How do I apply odd/even styles to elements while taking into account excluded classes? [duplicate]

Question

How do I apply specific css styling to every (for the sake of argument) odd element in a set of elements, while taking into account a set of excluded elements?

The issue is replicated here (shown in a codepen):

http://codepen.io/houdmont/pen/VLOBBG

A series of elements which have a class .foo applied:

<a href="#" class="foo">1. Blue</a>
<a href="#" class="foo">2. Green</a>
<a href="#" class="foo">3. Blue</a>
<a href="#" class="foo bar">4. Hidden (blue)</a>
<a href="#" class="foo bar">5. Hidden (blue)</a>
<a href="#" class="foo bar">6. Hidden (blue)</a>
<a href="#" class="foo">7. Green</a>

When the .bar class is applied, the element is hidden.

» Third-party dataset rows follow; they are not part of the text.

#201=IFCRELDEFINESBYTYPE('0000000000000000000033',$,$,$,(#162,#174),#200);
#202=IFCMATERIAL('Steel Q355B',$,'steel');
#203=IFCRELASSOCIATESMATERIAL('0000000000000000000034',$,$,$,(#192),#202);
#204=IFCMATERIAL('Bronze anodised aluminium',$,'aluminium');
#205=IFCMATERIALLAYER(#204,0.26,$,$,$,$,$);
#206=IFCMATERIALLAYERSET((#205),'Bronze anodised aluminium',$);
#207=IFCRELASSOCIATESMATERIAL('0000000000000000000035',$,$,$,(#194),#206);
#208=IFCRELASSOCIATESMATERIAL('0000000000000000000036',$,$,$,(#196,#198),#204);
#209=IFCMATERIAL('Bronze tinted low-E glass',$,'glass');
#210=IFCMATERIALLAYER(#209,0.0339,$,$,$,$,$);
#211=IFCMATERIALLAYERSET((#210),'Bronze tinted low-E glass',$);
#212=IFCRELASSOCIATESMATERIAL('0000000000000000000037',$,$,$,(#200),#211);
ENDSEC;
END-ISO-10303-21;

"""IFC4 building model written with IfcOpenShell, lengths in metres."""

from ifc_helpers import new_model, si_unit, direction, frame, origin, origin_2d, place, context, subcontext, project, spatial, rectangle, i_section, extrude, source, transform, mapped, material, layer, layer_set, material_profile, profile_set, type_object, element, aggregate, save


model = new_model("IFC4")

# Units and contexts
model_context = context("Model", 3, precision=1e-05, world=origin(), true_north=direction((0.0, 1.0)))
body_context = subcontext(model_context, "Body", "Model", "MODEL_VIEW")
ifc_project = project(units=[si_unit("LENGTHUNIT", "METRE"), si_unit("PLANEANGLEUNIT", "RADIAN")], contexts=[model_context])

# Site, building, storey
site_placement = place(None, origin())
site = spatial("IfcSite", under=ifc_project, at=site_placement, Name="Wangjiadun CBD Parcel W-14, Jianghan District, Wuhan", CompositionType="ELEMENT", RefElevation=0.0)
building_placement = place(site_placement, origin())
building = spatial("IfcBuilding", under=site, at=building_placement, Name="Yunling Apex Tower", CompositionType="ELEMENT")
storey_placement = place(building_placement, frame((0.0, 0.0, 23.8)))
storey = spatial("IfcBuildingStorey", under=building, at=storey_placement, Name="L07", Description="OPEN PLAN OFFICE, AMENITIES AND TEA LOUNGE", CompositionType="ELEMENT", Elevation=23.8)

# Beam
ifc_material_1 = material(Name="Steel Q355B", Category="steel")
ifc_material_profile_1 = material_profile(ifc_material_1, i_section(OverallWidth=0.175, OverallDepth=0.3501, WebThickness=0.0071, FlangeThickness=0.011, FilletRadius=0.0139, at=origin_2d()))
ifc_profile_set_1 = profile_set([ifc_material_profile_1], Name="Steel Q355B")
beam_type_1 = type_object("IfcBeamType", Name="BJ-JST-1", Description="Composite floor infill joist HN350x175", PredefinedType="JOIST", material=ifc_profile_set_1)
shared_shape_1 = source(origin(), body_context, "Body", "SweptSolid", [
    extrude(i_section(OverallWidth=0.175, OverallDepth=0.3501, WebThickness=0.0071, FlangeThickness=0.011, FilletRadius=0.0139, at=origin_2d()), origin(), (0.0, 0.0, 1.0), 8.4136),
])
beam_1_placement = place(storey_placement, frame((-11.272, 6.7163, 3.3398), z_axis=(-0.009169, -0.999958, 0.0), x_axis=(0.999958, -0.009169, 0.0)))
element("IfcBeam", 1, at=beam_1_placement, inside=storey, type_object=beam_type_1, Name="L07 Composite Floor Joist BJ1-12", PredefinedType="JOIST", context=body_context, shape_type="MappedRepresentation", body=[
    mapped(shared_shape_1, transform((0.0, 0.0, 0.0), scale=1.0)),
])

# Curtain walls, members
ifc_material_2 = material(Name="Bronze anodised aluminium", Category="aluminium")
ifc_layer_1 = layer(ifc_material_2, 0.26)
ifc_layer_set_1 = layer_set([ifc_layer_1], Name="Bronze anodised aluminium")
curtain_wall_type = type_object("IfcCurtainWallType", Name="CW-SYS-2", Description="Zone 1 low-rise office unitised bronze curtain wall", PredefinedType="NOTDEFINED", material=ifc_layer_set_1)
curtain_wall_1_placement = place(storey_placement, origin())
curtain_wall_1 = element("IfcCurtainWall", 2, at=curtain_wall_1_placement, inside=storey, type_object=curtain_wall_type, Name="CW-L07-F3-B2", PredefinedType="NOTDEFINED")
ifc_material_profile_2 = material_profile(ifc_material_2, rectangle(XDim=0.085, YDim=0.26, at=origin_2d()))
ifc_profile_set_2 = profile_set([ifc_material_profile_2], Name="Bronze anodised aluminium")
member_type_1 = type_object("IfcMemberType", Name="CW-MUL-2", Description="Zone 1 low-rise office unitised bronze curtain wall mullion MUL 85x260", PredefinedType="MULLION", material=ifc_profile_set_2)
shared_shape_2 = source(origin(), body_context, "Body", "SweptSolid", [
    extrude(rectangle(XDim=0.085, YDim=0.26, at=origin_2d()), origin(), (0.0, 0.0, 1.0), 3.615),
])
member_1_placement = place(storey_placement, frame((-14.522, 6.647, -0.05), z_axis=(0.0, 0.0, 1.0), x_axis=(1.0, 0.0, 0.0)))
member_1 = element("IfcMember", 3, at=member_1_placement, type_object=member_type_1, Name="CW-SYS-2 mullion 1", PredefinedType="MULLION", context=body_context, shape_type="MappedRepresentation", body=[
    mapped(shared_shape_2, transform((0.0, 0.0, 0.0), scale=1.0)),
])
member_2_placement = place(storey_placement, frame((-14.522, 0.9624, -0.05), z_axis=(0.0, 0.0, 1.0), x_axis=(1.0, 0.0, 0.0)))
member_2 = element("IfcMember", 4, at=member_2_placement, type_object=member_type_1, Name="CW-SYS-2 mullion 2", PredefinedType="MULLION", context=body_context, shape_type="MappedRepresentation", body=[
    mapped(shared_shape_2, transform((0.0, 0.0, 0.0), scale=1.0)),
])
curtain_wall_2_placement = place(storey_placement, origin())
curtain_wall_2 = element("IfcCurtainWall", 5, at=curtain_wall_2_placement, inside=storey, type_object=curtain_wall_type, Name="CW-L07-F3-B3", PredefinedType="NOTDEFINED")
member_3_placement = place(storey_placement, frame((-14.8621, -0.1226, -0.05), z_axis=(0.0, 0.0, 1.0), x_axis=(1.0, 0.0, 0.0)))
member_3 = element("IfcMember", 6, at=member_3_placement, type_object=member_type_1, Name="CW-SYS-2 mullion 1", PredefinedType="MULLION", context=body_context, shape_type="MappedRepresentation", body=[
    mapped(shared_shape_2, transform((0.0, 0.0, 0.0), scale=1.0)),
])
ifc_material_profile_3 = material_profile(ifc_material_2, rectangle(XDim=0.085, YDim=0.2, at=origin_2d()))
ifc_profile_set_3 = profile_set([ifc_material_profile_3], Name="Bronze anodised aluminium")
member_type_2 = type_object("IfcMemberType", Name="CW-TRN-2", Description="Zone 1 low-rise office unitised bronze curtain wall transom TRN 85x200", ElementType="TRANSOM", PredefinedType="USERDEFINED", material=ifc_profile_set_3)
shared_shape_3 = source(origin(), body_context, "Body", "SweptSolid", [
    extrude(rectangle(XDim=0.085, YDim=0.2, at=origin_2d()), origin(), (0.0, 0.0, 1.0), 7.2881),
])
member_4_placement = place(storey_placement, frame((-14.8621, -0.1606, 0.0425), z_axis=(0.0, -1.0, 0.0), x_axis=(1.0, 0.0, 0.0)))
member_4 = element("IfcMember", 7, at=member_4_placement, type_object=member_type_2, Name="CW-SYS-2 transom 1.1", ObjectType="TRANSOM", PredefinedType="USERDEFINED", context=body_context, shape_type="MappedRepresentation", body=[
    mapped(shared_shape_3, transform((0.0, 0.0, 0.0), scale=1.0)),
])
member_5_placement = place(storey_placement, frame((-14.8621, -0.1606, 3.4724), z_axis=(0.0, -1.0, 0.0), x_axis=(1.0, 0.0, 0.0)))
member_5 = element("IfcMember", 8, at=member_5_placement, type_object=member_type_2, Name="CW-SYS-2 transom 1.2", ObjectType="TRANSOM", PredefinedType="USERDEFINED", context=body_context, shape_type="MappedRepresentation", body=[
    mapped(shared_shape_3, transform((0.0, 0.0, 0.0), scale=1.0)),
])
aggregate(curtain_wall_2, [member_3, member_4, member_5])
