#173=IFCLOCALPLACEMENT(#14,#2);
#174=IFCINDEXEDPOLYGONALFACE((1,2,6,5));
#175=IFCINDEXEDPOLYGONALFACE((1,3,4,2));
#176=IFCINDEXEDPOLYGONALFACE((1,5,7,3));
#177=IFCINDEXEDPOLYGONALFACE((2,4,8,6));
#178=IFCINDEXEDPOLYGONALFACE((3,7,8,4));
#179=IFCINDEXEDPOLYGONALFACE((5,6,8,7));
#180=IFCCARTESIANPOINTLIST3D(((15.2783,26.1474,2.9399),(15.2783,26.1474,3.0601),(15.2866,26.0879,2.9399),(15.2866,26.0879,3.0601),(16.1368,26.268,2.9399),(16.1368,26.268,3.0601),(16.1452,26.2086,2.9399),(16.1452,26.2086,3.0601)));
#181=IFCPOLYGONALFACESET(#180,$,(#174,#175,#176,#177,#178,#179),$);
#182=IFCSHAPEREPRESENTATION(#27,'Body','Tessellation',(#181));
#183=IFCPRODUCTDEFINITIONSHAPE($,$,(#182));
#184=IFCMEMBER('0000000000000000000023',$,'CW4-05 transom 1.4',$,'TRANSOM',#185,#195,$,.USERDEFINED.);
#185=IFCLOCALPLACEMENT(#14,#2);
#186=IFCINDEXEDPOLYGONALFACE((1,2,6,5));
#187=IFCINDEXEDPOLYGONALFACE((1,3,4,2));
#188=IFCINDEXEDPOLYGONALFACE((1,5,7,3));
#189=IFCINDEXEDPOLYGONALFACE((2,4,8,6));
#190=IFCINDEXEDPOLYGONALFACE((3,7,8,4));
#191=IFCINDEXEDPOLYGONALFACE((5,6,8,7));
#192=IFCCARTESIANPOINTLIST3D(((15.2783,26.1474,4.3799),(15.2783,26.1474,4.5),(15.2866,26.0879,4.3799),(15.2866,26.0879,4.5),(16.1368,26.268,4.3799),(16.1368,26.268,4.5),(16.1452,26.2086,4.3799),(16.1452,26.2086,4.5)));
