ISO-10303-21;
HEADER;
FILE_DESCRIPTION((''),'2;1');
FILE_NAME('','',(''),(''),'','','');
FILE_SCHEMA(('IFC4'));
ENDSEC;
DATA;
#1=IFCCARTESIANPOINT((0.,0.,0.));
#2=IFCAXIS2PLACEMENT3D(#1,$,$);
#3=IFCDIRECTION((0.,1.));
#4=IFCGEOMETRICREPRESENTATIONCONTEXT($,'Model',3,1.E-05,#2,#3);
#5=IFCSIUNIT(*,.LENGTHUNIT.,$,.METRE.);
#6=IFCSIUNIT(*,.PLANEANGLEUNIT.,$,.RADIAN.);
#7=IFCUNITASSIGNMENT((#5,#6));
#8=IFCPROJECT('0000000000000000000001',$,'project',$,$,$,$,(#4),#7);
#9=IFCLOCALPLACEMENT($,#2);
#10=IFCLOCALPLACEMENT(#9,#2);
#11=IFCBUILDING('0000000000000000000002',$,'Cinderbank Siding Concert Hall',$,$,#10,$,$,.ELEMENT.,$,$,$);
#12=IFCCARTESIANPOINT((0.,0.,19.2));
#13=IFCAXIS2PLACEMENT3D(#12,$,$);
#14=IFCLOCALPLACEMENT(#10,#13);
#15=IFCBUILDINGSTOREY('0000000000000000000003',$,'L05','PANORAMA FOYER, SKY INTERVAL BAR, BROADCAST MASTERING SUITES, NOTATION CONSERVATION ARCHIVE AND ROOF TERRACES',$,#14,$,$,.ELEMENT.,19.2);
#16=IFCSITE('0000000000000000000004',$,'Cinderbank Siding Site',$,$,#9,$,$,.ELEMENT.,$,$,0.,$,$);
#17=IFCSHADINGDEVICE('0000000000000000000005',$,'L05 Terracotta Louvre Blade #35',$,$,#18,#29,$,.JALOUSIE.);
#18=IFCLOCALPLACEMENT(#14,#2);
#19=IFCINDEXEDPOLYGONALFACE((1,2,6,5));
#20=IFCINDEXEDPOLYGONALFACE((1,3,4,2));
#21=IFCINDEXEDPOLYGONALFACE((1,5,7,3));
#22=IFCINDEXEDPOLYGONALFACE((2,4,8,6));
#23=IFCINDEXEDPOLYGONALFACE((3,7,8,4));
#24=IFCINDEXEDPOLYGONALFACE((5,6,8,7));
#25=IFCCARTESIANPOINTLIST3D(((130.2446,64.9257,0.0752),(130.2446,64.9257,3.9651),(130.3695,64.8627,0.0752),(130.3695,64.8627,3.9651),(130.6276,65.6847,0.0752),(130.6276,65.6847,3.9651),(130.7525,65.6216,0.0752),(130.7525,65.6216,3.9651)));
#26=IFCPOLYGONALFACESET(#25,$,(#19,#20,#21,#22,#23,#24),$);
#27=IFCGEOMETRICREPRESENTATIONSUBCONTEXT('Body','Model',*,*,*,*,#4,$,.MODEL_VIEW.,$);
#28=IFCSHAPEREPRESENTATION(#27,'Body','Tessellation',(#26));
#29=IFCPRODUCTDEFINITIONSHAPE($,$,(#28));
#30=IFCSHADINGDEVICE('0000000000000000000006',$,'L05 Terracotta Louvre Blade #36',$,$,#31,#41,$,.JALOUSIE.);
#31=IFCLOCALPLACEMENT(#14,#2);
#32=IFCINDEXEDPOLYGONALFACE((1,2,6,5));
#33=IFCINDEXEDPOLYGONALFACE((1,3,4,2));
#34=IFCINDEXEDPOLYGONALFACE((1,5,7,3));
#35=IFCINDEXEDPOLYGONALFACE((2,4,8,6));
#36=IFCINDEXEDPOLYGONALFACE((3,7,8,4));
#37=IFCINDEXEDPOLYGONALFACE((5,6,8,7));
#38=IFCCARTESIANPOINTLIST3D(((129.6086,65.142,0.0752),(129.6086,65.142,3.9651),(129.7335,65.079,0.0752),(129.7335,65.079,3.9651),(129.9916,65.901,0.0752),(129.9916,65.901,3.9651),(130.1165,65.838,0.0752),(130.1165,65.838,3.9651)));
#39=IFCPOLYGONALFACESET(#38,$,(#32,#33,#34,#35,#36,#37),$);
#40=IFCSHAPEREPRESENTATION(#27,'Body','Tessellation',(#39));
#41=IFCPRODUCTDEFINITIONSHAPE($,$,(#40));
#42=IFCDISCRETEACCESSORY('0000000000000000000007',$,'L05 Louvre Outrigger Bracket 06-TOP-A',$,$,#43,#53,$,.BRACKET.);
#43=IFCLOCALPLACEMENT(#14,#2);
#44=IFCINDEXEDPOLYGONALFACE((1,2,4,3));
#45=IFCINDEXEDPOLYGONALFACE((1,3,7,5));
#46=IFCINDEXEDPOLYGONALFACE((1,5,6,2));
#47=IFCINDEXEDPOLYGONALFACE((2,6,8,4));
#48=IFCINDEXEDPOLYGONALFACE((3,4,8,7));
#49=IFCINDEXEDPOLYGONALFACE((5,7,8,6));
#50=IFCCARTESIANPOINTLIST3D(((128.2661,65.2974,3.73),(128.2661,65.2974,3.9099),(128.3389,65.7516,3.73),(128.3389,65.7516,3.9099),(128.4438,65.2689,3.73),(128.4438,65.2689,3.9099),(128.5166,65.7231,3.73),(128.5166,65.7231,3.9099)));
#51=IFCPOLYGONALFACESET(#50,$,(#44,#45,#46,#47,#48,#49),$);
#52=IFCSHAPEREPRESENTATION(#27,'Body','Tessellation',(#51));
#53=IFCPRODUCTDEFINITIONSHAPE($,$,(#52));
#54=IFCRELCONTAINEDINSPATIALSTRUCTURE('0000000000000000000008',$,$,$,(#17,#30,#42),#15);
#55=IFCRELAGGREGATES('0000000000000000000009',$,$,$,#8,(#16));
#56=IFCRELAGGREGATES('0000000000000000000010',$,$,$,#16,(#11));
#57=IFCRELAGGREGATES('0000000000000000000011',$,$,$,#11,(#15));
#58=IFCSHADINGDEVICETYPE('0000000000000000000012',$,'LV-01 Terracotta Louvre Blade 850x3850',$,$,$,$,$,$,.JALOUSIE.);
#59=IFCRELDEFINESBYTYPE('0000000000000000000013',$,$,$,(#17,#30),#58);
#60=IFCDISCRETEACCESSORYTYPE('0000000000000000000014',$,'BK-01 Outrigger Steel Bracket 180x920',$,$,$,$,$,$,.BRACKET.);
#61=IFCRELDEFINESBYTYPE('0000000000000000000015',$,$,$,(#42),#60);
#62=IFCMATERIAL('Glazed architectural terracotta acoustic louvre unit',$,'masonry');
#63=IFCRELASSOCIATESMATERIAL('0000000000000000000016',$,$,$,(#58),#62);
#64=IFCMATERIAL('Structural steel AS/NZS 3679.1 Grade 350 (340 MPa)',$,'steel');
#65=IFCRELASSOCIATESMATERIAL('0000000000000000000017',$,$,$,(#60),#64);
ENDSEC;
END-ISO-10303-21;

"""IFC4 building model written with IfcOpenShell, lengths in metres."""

from ifc_helpers import new_model, si_unit, direction, frame, origin, origin_2d, place, context, subcontext, project, spatial, rectangle, extrude, material, type_object, element, save


model = new_model("IFC4")

# Units and contexts
model_context = context("Model", 3, precision=1e-05, world=origin(), true_north=direction((0.0, 1.0)))
body_context = subcontext(model_context, "Body", "Model", "MODEL_VIEW")
ifc_project = project(units=[si_unit("LENGTHUNIT", "METRE"), si_unit("PLANEANGLEUNIT", "RADIAN")], contexts=[model_context])

# Site, building, storey
site_placement = place(None, origin())
site = spatial("IfcSite", under=ifc_project, at=site_placement, Name="Cinderbank Siding Site", CompositionType="ELEMENT", RefElevation=0.0)
building_placement = place(site_placement, origin())
building = spatial("IfcBuilding", under=site, at=building_placement, Name="Cinderbank Siding Concert Hall", CompositionType="ELEMENT")
storey_placement = place(building_placement, frame((0.0, 0.0, 19.2)))
storey = spatial("IfcBuildingStorey", under=building, at=storey_placement, Name="L05", Description="PANORAMA FOYER, SKY INTERVAL BAR, BROADCAST MASTERING SUITES, NOTATION CONSERVATION ARCHIVE AND ROOF TERRACES", CompositionType="ELEMENT", Elevation=19.2)

# Shared definitions
ifc_material_1 = material(Name="Structural steel AS/NZS 3679.1 Grade 350 (340 MPa)", Category="steel")

# Shading devices
ifc_material_2 = material(Name="Glazed architectural terracotta acoustic louvre unit", Category="masonry")
shading_device_type = type_object("IfcShadingDeviceType", Name="LV-01 Terracotta Louvre Blade 850x3850", PredefinedType="JALOUSIE", material=ifc_material_2)
for number, where, z_axis, x_axis, name in (
    (1, (130.4985, 65.2737, 0.0752), (0.0, 0.0, 1.0), (0.450487, 0.892783, 0.0), "L05 Terracotta Louvre Blade #35"),
    (2, (129.8625, 65.49, 0.0752), (0.0, 0.0, 1.0), (0.450487, 0.892783, 0.0), "L05 Terracotta Louvre Blade #36"),
):
    element("IfcShadingDevice", number, at=place(storey_placement, frame(where, z_axis=z_axis, x_axis=x_axis)), inside=storey, type_object=shading_device_type, Name=name, PredefinedType="JALOUSIE", context=body_context, shape_type="SweptSolid", body=[
        extrude(rectangle(XDim=0.8501, YDim=0.1399, at=origin_2d()), origin(), (0.0, 0.0, 1.0), 3.8899),
    ])

# Discrete accessory
discrete_accessory_type = type_object("IfcDiscreteAccessoryType", Name="BK-01 Outrigger Steel Bracket 180x920", PredefinedType="BRACKET", material=ifc_material_1)
discrete_accessory_placement = place(storey_placement, frame((128.3914, 65.5103, 3.73), z_axis=(0.0, 0.0, 1.0), x_axis=(0.158354, 0.987382, 0.0)))
element("IfcDiscreteAccessory", 3, at=discrete_accessory_placement, inside=storey, type_object=discrete_accessory_type, Name="L05 Louvre Outrigger Bracket 06-TOP-A", PredefinedType="BRACKET", context=body_context, shape_type="SweptSolid", body=[
    extrude(rectangle(XDim=0.46, YDim=0.1799, at=origin_2d()), origin(), (0.0, 0.0, 1.0), 0.1799),
])

save(model, "model.ifc")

I'd like the remaining elements with .foo applied to be styled odd/even.

Attempt as follows:

.bar {
    display: none;
}

/**
 * This clearly doesn't work as I'd hoped it would.
 */
.foo:not(.bar):nth-of-type(even) {
    color: green;
}

Ideally, I'd like the seventh element to be green, even though it's an "odd" element, if I were able to exclude the elements with class .bar then it would be the fourth element and therefore considered "even", setting the color to green.

Is this possible with CSS?

Answer 1

Unfortunately not possible. Previously answered here: https://stackoverflow.com/a/12205844/1590962

CSS is fully declarative; every selector is a simple condition that is true or false independently of any selector part. It's not a procedural language where you take a set and process it, narrowing it down with each step. A selector language with procedural rules would be immune to many kinds of optimisation and would be slower.

So nth-of-type is only about position within an element's parent, and not position in a 'results list so far' because CSS selectors have no such concept. A selector engine could look up the test for nth-of-type before narrowing it with not, as the rules do not interfere with each other.